レース自体はエコロデュエル(草野太郎騎手)が圧倒的な強さを見せ、自身の持つコースレコードを1.5秒も更新する大差勝ちで連覇を達成。前年の第27回大会でも4分50秒5のレコードで8馬身差圧勝・JG1初制覇を果たしており、障害競走の新たな絶対王者として君臨する姿を見せつけた。

しかし今回SNSで最も多くの感動の声を集めたのは、勝者の話題ではなかった。JG1初騎乗に臨んだ23歳の水沼元輝騎手が、ポリトナリティー(牝5歳)に騎乗して最後方で大きく遅れながらも懸命に走り続け、全馬完走を達成した場面だ。ゴール前、最終障害を飛越して入線してくる水沼騎手とポリトナリティーに向けて、中山競馬場のスタンドから万雷の拍手と「水沼頑張れ!」の声援が鳴り止まなかった。

水沼騎手への騎乗依頼はレース2日前の4月16日(木)の調教後に決定した直前抜擢だった。「石神さんに教えてもらっていることを出していけたら」と語り、師匠・石神騎手の教えを胸に臨んだJG1初挑戦。苦い経験となったものの、最後まで走り切った姿が多くのファンの心を打った。
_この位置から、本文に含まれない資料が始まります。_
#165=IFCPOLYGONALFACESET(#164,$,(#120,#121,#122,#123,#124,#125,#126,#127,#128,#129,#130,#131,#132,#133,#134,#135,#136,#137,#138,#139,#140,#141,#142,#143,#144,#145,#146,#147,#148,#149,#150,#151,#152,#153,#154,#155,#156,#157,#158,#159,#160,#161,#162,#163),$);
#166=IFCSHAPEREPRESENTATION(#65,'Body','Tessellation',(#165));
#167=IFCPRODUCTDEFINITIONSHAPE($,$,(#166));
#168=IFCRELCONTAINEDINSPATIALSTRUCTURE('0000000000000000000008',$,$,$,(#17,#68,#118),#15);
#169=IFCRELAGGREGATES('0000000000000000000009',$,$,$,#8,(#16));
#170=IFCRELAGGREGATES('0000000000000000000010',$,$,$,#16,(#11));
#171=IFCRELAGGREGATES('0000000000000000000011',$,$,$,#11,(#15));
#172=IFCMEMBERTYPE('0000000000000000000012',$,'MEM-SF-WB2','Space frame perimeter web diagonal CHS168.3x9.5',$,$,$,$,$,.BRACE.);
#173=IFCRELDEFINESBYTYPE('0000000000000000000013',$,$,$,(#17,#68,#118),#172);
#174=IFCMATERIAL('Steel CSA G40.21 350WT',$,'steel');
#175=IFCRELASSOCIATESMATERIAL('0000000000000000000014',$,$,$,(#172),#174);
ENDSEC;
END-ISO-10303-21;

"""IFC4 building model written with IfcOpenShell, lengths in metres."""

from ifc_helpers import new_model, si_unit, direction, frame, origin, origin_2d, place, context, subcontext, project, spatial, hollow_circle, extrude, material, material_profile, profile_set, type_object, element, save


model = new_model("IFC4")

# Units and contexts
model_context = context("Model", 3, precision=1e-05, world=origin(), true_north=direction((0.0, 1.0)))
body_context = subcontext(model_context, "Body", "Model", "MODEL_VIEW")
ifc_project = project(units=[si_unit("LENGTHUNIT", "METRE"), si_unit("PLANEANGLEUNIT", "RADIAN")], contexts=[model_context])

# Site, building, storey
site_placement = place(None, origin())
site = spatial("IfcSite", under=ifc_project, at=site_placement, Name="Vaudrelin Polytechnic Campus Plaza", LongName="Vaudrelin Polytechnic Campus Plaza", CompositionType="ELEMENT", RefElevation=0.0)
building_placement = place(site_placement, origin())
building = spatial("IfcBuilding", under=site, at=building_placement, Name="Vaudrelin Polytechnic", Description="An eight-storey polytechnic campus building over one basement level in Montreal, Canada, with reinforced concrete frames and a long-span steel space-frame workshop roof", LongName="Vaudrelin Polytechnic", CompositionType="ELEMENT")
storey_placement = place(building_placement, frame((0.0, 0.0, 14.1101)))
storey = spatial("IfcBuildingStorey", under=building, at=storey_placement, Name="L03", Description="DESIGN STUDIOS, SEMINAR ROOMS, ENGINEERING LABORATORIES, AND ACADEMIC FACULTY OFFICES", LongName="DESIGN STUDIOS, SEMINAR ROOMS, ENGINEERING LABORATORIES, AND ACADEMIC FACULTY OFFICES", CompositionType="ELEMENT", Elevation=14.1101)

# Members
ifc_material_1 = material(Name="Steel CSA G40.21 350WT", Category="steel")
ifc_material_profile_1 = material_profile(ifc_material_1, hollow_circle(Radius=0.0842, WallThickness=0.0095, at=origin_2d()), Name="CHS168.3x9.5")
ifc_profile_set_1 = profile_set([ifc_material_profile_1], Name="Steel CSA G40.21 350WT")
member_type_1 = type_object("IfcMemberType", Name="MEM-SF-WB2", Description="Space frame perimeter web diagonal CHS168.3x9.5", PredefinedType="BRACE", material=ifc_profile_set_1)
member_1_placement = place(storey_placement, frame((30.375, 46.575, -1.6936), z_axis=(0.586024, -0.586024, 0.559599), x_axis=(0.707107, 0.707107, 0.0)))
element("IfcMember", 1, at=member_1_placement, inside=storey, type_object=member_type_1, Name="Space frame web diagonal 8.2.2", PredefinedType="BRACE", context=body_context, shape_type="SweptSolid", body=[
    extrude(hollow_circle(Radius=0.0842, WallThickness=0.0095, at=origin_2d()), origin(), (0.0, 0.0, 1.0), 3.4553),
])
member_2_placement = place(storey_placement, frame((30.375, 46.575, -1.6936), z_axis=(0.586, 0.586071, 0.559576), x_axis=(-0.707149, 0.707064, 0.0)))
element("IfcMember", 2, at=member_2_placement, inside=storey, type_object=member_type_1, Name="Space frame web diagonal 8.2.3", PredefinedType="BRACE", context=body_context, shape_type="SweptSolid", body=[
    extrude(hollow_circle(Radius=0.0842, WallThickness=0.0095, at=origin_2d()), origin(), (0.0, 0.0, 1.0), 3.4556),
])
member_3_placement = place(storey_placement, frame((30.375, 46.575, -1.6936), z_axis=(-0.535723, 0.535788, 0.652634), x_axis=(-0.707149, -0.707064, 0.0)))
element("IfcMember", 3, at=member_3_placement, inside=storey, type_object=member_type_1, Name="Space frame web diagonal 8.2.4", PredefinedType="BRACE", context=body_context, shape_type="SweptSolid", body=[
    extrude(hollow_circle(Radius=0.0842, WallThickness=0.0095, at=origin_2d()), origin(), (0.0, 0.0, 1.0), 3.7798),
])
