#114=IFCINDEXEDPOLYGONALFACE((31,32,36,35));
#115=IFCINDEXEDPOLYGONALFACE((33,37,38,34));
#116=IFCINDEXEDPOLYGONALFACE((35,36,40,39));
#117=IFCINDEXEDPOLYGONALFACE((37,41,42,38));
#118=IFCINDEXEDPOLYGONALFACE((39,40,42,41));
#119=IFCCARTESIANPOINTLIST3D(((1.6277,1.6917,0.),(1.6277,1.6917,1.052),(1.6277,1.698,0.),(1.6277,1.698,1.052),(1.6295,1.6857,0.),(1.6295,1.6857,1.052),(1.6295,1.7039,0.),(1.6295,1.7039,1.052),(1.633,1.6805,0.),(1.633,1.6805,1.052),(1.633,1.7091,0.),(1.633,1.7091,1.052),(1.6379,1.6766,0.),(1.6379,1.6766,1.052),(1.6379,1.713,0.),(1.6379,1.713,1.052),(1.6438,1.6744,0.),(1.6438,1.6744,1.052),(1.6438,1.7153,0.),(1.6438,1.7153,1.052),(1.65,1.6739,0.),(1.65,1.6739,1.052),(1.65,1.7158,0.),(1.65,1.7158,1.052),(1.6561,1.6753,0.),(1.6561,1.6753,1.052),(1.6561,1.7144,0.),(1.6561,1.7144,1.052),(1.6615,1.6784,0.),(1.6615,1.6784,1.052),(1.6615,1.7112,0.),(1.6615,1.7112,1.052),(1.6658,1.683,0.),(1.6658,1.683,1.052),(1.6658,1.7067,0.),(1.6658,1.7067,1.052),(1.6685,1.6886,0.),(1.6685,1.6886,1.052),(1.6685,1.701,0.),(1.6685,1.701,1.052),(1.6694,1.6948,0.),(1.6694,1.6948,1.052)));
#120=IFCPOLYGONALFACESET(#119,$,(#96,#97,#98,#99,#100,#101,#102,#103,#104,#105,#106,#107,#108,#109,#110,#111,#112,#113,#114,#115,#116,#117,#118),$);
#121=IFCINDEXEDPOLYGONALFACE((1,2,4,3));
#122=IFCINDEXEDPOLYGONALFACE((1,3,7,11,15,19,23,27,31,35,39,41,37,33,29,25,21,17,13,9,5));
障害競走では落馬や競走中止が起こりうるため、出走した全馬が無事にゴールする「全馬完走」は特別な意味を持つ。今回は出走10頭が4260mの過酷なコースを全馬完走し、SNSでは「だから障害レースは尊くて面白い」「全馬完走がなにより嬉しい」「賭け事以外でも愛されている証左」といった声が相次いだ。エコロデュエルの圧勝・レコード連覇への称賛と、全馬完走・水沼騎手の完走への感動が重なり合い、障害競走の魅力を再認識する声が広がっている。